Where your website is hosted lays the foundation for the rest of your e-commerce security strategy. Reliable hosts provide features that prevent issues before they arise, such as Distributed Denial of Service (DDoS) protection or automated backups that save updates made to your website. Technical support can also be extremely valuable, especially to those who do not have dedicated IT departments or much firsthand experience with running an e-commerce business. 24/7 support can be critical: if you’re attacked, hackers, particularly more ‘sophisticated’ and professional scammers,  likely aren’t going to do it within business hours in your timezone, so make sure you can access help from your host when you need it most.

 

Implement SSL Encryption

A Secure Sockets Layer (SSL) certificate encrypts data shared between the website and the customer. This is all the sensitive stuff you don’t want anyone getting their hands on: names, addresses, dates of birth, and payment information. This security feature is fundamental, and customers will be familiar with its presence as it is usually denoted by a padlock in the address bar of any browser. It serves to scramble data in transit in case of interception, making it near-impossible for hackers to decipher if they do manage to intercept it. It also gives you a boost in your search engine ranking, as Google prioritises secure sites.

 

Enforce Strong Password Requirements

If you want customers signing up for your e-commerce website, you should make sure that they’re setting passwords that aren’t going to be guessed easily. Weak passwords make taking control of an account a walk in the park, so make sure you put, at minimum, a character limit of at least eight and require a mix of letters, numbers, and symbols. Two-factor authentication is also an industry standard for many websites that require the highest level of security, such as government branches or banks.

 

Choose a Secure Payment Gateway

Financial data is the most sensitive of the data you’ll be handling while running your e-commerce business. Payment gateways handle this secure transmission; being responsible for data transfer between your website and the financial institution that is processing the transaction. If you’ve picked a trustworthy payment gateway provider, they can prevent transactions flagged as fraudulent. When you’re looking at providers, make sure they’re compliant with the Payment Card Industry Data Security Standard (PCI-DSS), which is a set of security standards that aim to protect credit card information. Tokenization is a popular safety feature that replaces the card data with a unique token identifier, which is useless if intercepted as only the payment provider can decode it. Stripe and PayPal are popular as payment gateways, but many e-commerce websites have their own partnered payment gateway providers. Make sure whichever one you choose is compliant, however: this is not a mistake that you get to make twice.

 

Add a Web Application Firewall

A Web Application Firewall (WAF) monitors and filters HTTP traffic between your ecommerce website and the rest of the internet. This is for attacks that are more complicated than the brute-force approach of the DDoS: SQL injections and cross-site scripting are common to exploit vulnerabilities in web applications.

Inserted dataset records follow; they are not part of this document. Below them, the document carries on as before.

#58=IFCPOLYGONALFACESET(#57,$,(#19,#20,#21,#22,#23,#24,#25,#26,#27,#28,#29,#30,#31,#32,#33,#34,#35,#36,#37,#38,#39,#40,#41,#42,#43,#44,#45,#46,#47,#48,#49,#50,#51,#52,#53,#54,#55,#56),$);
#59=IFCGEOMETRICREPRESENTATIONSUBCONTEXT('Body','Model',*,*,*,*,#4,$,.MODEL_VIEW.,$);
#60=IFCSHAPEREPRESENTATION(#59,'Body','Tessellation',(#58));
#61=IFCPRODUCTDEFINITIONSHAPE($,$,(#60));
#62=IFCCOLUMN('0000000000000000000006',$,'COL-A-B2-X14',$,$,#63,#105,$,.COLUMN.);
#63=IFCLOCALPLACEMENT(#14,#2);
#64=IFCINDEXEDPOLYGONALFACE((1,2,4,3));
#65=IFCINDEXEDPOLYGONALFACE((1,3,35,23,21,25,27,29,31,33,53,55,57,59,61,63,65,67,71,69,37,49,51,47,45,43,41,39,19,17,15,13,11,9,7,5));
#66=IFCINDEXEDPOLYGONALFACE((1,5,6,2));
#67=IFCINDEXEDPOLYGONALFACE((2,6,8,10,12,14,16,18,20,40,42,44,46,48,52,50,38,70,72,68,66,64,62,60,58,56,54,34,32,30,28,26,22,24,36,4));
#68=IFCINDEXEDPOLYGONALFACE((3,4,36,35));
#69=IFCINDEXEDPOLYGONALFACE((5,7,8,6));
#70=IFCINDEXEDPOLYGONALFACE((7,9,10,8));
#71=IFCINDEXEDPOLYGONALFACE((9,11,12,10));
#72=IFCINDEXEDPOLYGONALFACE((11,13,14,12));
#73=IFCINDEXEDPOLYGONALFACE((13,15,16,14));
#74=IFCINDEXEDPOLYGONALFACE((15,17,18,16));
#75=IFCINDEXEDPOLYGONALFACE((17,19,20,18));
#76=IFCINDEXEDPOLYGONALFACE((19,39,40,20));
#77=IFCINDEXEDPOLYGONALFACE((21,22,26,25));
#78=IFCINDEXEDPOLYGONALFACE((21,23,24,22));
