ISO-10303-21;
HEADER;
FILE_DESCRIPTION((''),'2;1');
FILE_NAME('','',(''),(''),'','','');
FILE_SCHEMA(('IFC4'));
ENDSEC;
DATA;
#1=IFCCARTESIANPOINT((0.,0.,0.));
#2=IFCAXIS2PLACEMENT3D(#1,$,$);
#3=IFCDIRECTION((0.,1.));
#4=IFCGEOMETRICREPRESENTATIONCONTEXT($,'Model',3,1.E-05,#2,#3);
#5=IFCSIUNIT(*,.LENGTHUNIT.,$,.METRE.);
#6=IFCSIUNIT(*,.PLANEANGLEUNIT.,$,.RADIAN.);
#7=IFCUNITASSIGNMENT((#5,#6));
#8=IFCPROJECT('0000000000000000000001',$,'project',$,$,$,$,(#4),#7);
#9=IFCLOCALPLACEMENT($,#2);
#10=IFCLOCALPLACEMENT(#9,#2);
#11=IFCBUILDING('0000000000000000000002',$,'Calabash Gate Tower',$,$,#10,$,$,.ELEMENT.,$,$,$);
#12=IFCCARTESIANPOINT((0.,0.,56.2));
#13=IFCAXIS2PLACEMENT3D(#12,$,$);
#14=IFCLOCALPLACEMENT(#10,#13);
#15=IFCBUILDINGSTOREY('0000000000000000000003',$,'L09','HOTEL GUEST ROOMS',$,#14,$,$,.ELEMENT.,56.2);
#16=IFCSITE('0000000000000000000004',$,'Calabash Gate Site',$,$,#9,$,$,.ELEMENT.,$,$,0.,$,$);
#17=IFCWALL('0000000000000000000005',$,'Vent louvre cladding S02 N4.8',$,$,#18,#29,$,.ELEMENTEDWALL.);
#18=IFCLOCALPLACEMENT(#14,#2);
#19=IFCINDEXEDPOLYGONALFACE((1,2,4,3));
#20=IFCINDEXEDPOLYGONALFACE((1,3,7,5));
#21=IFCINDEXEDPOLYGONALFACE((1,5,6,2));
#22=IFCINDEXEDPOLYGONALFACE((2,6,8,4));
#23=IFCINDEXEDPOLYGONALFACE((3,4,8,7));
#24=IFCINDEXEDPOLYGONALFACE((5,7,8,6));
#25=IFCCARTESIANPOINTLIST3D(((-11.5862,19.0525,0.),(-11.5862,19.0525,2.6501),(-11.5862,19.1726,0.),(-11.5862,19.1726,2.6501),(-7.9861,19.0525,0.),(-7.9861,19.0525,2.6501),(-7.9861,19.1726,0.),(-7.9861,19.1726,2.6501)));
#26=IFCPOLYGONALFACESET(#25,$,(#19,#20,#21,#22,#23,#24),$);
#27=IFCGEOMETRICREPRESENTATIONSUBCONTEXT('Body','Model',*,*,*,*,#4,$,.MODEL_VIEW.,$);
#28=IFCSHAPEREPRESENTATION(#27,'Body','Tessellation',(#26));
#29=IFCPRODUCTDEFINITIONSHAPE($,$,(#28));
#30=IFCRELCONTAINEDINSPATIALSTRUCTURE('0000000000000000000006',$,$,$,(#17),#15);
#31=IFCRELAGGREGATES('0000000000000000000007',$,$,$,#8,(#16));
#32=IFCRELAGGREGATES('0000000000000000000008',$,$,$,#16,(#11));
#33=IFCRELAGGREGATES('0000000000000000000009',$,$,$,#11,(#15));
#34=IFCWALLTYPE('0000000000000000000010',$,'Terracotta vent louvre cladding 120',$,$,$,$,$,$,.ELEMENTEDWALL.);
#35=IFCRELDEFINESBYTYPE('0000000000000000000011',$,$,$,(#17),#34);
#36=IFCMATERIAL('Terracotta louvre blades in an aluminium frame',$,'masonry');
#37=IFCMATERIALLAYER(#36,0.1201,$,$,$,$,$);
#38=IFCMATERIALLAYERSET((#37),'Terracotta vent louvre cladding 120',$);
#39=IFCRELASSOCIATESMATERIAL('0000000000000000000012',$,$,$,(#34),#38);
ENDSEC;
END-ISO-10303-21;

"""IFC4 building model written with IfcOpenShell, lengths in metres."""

from ifc_helpers import new_model, si_unit, direction, frame, origin, place, context, subcontext, project, spatial, polyline, outline, extrude, material, layer, layer_set, type_object, element, save


model = new_model("IFC4")

# Units and contexts
model_context = context("Model", 3, precision=1e-05, world=origin(), true_north=direction((0.0, 1.0)))
body_context = subcontext(model_context, "Body", "Model", "MODEL_VIEW")
ifc_project = project(units=[si_unit("LENGTHUNIT", "METRE"), si_unit("PLANEANGLEUNIT", "RADIAN")], contexts=[model_context])

# Site, building, storey
site_placement = place(None, origin())
site = spatial("IfcSite", under=ifc_project, at=site_placement, Name="Calabash Gate Site", CompositionType="ELEMENT", RefElevation=0.0)
building_placement = place(site_placement, origin())
building = spatial("IfcBuilding", under=site, at=building_placement, Name="Calabash Gate Tower", CompositionType="ELEMENT")
storey_placement = place(building_placement, frame((0.0, 0.0, 56.2)))
storey = spatial("IfcBuildingStorey", under=building, at=storey_placement, Name="L09", Description="HOTEL GUEST ROOMS", CompositionType="ELEMENT", Elevation=56.2)

# Wall
ifc_material_1 = material(Name="Terracotta louvre blades in an aluminium frame", Category="masonry")
ifc_layer_1 = layer(ifc_material_1, 0.1201)
ifc_layer_set_1 = layer_set([ifc_layer_1], Name="Terracotta vent louvre cladding 120")
wall_type_1 = type_object("IfcWallType", Name="Terracotta vent louvre cladding 120", PredefinedType="ELEMENTEDWALL", material=ifc_layer_set_1)
wall_1_placement = place(storey_placement, origin())
element("IfcWall", 1, at=wall_1_placement, inside=storey, type_object=wall_type_1, Name="Vent louvre cladding S02 N4.8", PredefinedType="ELEMENTEDWALL", context=body_context, shape_type="SweptSolid", body=[
    extrude(outline(polyline([(-11.5862, 19.1726), (-11.5862, 19.0525), (-7.9861, 19.0525), (-7.9861, 19.1726), (-11.5862, 19.1726)])), origin(), (0.0, 0.0, 1.0), 2.6501),
])

save(model, "model.ifc")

WAFs block traffic that is identified as malicious, so you’ve filtered anything harmful before it touches your server. Some of these firewalls use complex machine learning techniques to identify patterns of behaviour from your customers, so if anything goes awry, it’ll shut it down before it becomes an issue. Monitoring and threat detection are done in real-time, so there’s no need to wait for updates or after damage has already occurred. Shop around to find a provider that fits your needs the best, and also offers the best value.

 

Regular Updates and Backups

Backup, backup, backup! Make sure you’re doing weekly (or more frequent) backups and store them in a secure, offsite location — preferably more than one. You need a safety net in case of data loss, and this can happen for any number of reasons, many of them non-malicious. Also, ensure your plugins and themes are up to date so any identified vulnerabilities are patched as soon as they are found. Test your backup restorations to make sure they’re working as intended and have the data necessary to keep your business ticking.

 

Security isn’t a set-and-forget task, it’s maintenance. Hackers and other malicious operators are constantly working to see where you will trip up, so enlisting reliable support is the best way to ensure that you’re on top of your game and customers get the best experience possible through your e-commerce website. If you integrate the practices from this article, you’re one step ahead in protecting sensitive customer information, and enhancing trust while you do it. Security is a long term goal, and putting strategies in place now will make sure that you’re ready to meet the needs of customers for the future.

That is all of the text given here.